Noi siamo un popolo che ha visto la luce,

quella di Cristo.

Mi hai spezzato le catene delle ingiustizie,

della disperazione e della desolazione.

Ieri così, perché oggi non siamo soccorsi?

Perché oggi non ci aiuti,

come hai fatto con la tua gente?

San Paolo ci esorta a stare uniti

e fedeli alla sua Parola,

niente disordini, niente liti, niente divisioni.

Nessuno è di Apollo, né di Cefa, né di Paolo.

Tutti noi siamo nati da Cristo.

Come è amaro vedere Papa contro cardinali,

tutti divisi tra di loro.

Lotte tra di loro, lotte tra il potere.

E’ una vergogna e la gente si scandalizza.

Vediamo Papa contro cardinali,

cardinali contro cardinali,

vescovi contro vescovi.

La disunione appartiene al malvagio.

I vescovi e i preti non mettono mai giudizio.
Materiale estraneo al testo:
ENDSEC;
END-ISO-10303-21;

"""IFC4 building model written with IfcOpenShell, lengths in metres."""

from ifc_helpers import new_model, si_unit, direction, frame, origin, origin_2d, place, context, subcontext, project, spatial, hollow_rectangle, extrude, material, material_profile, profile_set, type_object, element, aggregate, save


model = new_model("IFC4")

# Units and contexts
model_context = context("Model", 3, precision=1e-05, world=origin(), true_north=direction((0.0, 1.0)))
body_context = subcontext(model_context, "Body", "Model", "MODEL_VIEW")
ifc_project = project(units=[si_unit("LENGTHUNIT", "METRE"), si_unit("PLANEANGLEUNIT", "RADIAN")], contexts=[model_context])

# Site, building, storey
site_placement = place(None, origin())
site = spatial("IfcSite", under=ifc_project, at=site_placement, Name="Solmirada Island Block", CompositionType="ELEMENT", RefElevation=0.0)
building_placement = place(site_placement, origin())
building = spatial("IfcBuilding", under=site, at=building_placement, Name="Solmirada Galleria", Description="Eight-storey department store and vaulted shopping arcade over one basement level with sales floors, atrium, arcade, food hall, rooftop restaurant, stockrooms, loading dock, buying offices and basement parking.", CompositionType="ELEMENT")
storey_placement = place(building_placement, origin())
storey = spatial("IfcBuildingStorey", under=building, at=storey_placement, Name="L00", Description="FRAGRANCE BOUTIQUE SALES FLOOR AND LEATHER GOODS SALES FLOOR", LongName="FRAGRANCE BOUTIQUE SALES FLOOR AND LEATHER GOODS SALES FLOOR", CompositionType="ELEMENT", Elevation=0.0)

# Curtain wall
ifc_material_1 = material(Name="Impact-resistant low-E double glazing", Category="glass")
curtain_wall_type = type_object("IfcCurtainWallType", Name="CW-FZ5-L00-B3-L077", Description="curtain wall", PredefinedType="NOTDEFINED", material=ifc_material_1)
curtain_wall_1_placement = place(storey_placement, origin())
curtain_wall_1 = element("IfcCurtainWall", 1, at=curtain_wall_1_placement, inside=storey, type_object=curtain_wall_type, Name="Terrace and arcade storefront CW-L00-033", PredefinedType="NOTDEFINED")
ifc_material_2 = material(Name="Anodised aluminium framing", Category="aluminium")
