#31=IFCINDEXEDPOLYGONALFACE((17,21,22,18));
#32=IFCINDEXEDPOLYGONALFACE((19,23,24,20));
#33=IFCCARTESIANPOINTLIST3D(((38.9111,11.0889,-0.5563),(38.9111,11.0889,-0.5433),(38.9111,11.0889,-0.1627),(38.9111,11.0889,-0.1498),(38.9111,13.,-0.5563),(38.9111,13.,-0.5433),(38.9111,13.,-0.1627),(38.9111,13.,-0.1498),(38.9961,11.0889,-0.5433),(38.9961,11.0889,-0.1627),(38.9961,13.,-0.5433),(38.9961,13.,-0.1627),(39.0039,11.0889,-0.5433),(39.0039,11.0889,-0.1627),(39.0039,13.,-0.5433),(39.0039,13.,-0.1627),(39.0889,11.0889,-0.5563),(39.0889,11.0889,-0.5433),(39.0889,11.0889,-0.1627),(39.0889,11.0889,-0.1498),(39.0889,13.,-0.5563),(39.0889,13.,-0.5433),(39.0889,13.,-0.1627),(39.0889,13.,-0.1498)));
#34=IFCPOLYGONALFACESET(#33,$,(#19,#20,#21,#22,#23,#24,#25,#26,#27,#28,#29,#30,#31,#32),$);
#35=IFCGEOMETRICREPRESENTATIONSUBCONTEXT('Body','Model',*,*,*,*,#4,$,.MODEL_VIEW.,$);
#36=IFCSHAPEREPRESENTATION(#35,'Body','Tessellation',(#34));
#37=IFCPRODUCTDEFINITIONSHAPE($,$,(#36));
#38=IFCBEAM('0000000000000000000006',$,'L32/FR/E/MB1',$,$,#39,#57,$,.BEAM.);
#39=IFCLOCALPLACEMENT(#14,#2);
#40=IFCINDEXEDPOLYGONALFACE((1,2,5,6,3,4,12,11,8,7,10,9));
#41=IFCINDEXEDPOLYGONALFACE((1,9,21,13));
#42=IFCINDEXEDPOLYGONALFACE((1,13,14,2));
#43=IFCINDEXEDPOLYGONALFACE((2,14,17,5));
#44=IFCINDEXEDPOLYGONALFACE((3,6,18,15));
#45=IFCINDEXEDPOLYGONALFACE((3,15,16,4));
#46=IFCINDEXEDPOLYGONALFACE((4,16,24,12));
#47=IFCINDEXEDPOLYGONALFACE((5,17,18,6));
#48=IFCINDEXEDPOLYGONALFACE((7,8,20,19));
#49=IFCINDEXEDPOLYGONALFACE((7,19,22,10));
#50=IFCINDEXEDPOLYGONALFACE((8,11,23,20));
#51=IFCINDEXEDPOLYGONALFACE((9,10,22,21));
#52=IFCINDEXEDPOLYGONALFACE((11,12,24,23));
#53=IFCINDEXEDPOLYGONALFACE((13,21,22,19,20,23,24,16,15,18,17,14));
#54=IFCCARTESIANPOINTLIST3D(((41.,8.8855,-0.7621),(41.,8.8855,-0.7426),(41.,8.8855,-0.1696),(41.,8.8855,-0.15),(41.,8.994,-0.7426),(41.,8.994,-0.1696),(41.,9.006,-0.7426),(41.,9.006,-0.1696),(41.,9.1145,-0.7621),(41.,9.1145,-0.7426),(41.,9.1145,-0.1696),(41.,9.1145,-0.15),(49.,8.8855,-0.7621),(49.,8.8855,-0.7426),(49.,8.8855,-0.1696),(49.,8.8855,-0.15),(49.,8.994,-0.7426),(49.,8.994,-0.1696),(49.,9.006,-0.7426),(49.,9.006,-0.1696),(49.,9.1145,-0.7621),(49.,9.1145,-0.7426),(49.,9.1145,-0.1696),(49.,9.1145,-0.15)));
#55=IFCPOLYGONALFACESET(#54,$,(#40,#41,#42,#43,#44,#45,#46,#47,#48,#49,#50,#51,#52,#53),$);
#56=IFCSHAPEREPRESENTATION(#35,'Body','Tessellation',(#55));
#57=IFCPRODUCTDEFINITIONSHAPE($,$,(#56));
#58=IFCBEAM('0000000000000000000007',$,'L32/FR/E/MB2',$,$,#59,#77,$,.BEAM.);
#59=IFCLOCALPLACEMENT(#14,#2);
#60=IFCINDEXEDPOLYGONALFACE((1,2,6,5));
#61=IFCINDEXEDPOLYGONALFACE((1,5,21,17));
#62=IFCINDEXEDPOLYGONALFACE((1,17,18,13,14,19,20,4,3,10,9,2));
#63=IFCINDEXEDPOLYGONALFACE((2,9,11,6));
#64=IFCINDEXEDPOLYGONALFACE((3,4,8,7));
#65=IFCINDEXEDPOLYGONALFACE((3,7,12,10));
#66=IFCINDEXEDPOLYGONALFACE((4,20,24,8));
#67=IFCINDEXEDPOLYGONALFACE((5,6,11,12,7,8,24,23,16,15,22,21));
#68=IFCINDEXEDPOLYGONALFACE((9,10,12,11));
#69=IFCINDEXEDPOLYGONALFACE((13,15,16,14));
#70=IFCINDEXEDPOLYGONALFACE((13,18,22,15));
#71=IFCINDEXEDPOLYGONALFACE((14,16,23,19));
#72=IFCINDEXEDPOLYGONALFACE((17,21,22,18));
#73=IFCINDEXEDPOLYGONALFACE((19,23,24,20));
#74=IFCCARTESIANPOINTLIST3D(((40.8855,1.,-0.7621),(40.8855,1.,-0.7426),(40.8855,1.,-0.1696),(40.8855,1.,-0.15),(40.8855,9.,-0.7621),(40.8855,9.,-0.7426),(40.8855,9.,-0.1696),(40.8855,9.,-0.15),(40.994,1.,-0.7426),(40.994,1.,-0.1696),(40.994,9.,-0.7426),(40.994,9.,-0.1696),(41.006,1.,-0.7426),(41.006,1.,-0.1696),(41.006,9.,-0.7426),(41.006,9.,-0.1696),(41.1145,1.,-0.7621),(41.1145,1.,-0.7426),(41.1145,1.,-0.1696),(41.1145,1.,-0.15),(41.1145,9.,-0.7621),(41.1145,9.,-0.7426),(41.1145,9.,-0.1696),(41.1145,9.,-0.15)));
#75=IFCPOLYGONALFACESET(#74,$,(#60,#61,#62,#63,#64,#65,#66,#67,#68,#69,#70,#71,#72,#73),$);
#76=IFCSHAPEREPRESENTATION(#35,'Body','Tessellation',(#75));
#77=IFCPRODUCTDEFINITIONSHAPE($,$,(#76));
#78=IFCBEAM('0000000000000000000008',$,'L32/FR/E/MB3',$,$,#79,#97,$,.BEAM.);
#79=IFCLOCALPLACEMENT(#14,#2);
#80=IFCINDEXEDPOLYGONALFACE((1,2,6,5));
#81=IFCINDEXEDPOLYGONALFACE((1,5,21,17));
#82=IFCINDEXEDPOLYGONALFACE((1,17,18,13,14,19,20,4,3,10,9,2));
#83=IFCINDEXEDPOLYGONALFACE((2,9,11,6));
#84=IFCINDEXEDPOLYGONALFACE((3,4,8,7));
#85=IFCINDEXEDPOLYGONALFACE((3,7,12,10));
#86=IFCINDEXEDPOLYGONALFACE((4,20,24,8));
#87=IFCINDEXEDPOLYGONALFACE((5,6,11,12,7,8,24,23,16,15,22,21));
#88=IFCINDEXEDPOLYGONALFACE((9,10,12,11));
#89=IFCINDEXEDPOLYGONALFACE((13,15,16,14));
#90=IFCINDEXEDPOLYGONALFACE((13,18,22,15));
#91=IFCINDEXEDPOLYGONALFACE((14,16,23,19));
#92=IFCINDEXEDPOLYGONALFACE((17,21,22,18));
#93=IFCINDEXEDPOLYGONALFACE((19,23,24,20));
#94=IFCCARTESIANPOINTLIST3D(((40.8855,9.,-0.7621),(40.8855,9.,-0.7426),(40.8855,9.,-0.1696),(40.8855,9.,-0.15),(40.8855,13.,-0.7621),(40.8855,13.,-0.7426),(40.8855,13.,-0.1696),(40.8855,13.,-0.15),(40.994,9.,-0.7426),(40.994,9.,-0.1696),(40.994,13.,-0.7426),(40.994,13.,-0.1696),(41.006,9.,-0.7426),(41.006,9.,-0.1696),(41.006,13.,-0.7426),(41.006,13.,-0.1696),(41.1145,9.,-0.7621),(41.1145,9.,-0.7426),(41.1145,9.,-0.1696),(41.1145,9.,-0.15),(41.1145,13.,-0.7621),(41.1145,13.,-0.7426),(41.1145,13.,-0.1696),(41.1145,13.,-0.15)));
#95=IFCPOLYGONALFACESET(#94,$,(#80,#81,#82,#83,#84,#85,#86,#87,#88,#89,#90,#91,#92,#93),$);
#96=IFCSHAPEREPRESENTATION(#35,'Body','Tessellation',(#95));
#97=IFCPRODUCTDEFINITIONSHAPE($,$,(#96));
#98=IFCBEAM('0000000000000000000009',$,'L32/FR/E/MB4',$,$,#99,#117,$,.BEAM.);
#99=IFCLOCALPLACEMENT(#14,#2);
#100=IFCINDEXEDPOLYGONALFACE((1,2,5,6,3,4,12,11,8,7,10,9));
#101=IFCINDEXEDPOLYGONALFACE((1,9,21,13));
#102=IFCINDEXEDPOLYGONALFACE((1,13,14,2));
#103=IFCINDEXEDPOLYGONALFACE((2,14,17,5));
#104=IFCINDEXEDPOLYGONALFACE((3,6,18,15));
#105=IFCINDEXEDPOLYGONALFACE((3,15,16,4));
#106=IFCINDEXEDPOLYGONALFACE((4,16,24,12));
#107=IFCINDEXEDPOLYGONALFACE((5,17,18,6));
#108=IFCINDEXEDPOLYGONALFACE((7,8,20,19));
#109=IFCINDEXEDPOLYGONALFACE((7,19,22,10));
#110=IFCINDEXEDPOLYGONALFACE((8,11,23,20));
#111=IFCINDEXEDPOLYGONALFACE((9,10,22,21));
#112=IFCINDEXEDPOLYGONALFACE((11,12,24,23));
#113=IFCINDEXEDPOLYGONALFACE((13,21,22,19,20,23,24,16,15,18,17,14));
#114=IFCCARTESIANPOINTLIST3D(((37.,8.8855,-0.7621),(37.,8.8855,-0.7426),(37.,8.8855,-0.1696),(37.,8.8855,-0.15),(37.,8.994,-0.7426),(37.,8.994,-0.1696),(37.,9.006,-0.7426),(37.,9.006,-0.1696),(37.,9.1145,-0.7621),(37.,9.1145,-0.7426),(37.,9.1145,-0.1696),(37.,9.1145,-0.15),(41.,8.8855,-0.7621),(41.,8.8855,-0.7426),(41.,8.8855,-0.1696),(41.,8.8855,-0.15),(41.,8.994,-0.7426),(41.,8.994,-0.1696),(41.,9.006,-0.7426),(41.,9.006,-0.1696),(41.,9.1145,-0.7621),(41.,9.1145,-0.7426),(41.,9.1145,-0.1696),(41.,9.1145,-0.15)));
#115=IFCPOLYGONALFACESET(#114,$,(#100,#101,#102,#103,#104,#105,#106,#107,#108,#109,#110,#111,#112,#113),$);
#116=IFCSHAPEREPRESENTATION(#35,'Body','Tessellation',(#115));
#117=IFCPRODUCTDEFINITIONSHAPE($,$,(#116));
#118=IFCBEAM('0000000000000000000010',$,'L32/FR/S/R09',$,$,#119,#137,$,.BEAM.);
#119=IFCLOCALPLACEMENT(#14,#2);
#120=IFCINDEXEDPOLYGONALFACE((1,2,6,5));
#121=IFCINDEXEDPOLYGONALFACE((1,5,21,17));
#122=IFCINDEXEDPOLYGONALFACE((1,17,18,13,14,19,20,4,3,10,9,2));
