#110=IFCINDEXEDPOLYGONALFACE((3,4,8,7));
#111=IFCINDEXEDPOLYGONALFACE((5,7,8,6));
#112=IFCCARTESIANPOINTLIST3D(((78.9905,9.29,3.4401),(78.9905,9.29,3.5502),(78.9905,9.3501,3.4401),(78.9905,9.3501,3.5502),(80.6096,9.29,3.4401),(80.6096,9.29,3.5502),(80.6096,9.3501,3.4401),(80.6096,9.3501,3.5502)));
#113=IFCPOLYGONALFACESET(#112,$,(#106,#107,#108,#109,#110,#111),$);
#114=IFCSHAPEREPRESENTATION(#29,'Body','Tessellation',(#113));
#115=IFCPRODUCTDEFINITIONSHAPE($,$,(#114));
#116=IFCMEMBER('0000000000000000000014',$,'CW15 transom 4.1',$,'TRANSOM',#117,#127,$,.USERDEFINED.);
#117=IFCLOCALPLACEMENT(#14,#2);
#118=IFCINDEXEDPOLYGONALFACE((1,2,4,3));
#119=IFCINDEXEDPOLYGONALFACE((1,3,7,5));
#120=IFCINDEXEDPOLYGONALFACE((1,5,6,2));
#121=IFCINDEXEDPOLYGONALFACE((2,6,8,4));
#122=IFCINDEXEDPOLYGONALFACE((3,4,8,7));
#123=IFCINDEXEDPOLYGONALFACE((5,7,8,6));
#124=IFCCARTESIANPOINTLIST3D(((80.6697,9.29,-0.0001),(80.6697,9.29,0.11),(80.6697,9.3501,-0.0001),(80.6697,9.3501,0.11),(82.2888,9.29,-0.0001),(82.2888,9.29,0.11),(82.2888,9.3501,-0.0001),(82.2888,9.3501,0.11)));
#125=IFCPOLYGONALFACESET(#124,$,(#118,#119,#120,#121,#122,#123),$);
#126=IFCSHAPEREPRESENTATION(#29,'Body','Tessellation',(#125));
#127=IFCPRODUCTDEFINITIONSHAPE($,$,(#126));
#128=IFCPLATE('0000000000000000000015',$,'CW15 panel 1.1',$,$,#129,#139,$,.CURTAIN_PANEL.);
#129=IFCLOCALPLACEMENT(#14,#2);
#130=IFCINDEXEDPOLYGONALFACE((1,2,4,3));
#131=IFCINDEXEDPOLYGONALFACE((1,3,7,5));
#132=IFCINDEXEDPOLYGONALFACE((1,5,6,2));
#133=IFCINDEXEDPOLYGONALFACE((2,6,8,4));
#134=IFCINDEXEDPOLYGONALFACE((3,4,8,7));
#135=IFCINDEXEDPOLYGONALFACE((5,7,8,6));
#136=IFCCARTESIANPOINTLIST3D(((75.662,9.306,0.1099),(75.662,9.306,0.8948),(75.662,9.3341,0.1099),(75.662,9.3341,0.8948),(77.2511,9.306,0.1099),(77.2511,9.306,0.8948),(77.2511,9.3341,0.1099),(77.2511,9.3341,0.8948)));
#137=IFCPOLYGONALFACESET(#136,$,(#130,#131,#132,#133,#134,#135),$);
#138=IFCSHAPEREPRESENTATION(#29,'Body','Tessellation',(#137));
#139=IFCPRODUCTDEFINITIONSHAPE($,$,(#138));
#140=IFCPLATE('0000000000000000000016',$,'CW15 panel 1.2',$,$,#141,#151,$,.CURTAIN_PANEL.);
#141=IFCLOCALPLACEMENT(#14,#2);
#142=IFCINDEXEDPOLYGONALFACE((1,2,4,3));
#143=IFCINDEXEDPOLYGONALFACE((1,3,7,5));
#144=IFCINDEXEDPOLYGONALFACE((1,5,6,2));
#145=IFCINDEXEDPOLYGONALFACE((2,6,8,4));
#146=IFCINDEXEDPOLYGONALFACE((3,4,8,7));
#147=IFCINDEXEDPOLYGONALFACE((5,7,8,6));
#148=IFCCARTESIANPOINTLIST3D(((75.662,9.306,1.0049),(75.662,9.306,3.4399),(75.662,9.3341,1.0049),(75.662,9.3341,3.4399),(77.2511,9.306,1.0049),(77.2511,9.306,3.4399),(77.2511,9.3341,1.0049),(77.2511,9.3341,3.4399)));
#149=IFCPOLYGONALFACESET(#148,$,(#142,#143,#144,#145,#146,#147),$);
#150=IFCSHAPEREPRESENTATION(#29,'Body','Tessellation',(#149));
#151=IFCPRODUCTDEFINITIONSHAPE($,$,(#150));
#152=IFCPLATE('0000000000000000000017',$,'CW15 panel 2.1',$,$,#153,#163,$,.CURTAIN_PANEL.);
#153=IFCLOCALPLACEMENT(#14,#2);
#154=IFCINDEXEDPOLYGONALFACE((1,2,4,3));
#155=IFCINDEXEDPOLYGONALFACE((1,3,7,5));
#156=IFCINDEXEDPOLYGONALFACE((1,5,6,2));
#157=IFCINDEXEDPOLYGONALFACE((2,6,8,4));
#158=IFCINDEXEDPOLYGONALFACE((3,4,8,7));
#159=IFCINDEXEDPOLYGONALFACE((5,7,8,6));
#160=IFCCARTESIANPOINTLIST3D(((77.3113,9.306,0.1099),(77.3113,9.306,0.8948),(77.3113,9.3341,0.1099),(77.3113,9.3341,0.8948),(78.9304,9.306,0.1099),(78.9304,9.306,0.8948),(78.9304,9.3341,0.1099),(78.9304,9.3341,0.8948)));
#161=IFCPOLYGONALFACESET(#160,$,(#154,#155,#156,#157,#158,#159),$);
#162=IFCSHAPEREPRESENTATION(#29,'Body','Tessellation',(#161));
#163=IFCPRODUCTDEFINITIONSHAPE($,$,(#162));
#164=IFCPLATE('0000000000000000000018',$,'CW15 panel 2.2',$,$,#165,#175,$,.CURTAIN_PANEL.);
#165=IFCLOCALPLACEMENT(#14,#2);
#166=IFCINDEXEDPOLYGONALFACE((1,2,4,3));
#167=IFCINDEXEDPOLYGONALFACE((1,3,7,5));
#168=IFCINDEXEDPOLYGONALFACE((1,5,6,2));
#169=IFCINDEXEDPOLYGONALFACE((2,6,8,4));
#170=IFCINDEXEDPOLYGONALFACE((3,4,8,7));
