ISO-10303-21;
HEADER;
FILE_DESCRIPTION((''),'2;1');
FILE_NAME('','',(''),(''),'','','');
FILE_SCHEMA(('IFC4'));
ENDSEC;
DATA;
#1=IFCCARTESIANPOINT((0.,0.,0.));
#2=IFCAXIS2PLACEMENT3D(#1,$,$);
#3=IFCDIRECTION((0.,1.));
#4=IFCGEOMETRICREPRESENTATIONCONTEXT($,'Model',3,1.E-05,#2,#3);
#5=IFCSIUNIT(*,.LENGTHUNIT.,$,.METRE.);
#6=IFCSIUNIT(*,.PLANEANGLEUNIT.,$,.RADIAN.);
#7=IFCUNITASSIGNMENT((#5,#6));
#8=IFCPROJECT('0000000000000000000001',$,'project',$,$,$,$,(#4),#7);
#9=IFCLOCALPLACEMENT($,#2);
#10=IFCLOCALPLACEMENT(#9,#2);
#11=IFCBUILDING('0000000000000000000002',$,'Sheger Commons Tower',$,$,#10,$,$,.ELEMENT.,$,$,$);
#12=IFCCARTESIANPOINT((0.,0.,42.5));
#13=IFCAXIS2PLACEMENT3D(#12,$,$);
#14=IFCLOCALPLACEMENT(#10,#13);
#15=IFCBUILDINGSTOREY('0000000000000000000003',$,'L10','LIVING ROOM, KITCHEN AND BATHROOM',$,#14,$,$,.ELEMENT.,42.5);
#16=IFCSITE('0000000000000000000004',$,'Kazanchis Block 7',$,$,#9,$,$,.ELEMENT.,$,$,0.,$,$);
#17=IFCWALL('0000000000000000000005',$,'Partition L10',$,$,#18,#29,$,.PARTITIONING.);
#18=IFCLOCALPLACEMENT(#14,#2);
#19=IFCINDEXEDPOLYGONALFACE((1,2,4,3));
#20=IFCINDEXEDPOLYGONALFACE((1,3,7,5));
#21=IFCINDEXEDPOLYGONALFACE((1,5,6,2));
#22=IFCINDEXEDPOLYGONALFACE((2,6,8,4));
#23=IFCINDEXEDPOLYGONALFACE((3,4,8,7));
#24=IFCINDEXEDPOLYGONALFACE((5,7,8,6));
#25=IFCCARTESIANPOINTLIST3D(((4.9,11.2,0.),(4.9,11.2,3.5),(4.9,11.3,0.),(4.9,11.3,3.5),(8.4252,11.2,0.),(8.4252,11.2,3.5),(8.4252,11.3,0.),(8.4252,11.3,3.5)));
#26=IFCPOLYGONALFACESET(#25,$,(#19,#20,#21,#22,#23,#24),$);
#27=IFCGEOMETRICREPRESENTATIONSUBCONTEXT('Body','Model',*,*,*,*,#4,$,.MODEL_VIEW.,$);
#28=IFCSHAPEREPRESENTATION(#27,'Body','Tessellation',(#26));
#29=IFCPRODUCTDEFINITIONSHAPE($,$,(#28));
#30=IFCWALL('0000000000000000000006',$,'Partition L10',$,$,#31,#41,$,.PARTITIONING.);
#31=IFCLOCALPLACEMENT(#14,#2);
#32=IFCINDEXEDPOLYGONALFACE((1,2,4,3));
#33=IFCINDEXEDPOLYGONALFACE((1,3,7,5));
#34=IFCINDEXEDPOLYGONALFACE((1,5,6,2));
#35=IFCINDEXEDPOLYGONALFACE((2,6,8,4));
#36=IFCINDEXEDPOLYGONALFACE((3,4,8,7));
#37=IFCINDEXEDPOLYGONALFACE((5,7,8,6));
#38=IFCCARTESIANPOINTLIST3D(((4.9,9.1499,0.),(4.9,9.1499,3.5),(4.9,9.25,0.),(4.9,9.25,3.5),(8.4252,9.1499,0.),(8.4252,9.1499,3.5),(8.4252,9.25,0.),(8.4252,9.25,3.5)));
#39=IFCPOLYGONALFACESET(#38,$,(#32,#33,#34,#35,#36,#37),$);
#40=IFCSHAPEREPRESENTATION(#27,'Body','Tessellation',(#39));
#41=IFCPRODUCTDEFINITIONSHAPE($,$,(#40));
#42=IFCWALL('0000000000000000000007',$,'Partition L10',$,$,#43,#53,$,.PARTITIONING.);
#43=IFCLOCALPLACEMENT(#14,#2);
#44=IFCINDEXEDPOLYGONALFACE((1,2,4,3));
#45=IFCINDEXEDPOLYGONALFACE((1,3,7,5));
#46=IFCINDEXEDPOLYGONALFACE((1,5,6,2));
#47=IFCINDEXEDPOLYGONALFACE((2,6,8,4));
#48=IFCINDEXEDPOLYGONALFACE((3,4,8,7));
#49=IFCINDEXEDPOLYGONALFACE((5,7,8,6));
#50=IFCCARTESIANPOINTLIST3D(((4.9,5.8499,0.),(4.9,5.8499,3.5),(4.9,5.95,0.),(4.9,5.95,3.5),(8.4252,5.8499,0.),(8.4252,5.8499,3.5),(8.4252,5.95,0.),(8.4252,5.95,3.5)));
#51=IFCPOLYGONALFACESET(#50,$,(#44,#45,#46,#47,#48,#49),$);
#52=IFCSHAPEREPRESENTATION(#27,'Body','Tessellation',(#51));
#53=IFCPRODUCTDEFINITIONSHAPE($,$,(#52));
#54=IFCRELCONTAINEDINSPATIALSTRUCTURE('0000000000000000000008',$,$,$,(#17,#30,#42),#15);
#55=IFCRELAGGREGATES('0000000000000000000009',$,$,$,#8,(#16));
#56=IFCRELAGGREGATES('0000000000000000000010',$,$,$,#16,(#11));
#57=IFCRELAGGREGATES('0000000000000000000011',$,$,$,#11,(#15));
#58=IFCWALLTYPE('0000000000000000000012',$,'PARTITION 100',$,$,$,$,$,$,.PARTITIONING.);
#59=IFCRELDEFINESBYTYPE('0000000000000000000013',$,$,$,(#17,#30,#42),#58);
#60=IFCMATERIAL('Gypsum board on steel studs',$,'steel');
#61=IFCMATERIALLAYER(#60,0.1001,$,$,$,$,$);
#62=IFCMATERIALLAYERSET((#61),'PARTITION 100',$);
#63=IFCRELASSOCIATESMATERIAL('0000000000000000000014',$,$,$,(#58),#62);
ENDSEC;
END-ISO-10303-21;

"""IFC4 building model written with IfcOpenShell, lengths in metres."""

from ifc_helpers import new_model, si_unit, direction, frame, frame_2d, origin, place, context, subcontext, project, spatial, rectangle, extrude, material, layer, layer_set, type_object, element, save


model = new_model("IFC4")

# Units and contexts
model_context = context("Model", 3, precision=1e-05, world=origin(), true_north=direction((0.0, 1.0)))
body_context = subcontext(model_context, "Body", "Model", "MODEL_VIEW")
ifc_project = project(units=[si_unit("LENGTHUNIT", "METRE"), si_unit("PLANEANGLEUNIT", "RADIAN")], contexts=[model_context])

# Site, building, storey
site_placement = place(None, origin())
site = spatial("IfcSite", under=ifc_project, at=site_placement, Name="Kazanchis Block 7", CompositionType="ELEMENT", RefElevation=0.0)
building_placement = place(site_placement, origin())
building = spatial("IfcBuilding", under=site, at=building_placement, Name="Sheger Commons Tower", CompositionType="ELEMENT")
storey_placement = place(building_placement, frame((0.0, 0.0, 42.5)))
storey = spatial("IfcBuildingStorey", under=building, at=storey_placement, Name="L10", Description="LIVING ROOM, KITCHEN AND BATHROOM", CompositionType="ELEMENT", Elevation=42.5)

# Shared definitions
ifc_material_1 = material(Name="Gypsum board on steel studs", Category="steel")
ifc_layer_1 = layer(ifc_material_1, 0.1001)
ifc_layer_set_1 = layer_set([ifc_layer_1], Name="PARTITION 100")
wall_type_1 = type_object("IfcWallType", Name="PARTITION 100", PredefinedType="PARTITIONING", material=ifc_layer_set_1)

# Walls
for number, where, z_axis, x_axis, name in (
    (1, (4.8999, 11.25, 0.0), (0.0, 0.0, 1.0), (1.0, 0.0, 0.0), "Partition L10"),
    (2, (4.8999, 9.2, 0.0), (0.0, 0.0, 1.0), (1.0, 0.0, 0.0), "Partition L10"),
    (3, (4.8999, 5.8999, 0.0), (0.0, 0.0, 1.0), (1.0, 0.0, 0.0), "Partition L10"),
):
    element("IfcWall", number, at=place(storey_placement, frame(where, z_axis=z_axis, x_axis=x_axis)), inside=storey, type_object=wall_type_1, Name=name, PredefinedType="PARTITIONING", context=body_context, shape_type="SweptSolid", body=[
        extrude(rectangle(XDim=3.5251, YDim=0.1001, at=frame_2d((1.7627, 0.0))), origin(), (0.0, 0.0, 1.0), 3.5),
    ])

save(model, "model.ifc")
Ritorniamo alla comunione fraterna,

siamo uniti nella sua Parola.

Abbiamo diviso Cristo,

Cristo è denaro, Cristo è possesso,

Cristo è opprimere le coscienze

nelle nostre chiese,

buttando fuori chi ha bisogno

della sua misericordia.

Tutti amano posti di onore, posti di potere,

posti di successo, posti per opprimere

il fratello e gli amici.

Cristo nel vangelo ci propone di superare

le divisioni, di superare il maligno.

Basta una barca per annunciare la quiete.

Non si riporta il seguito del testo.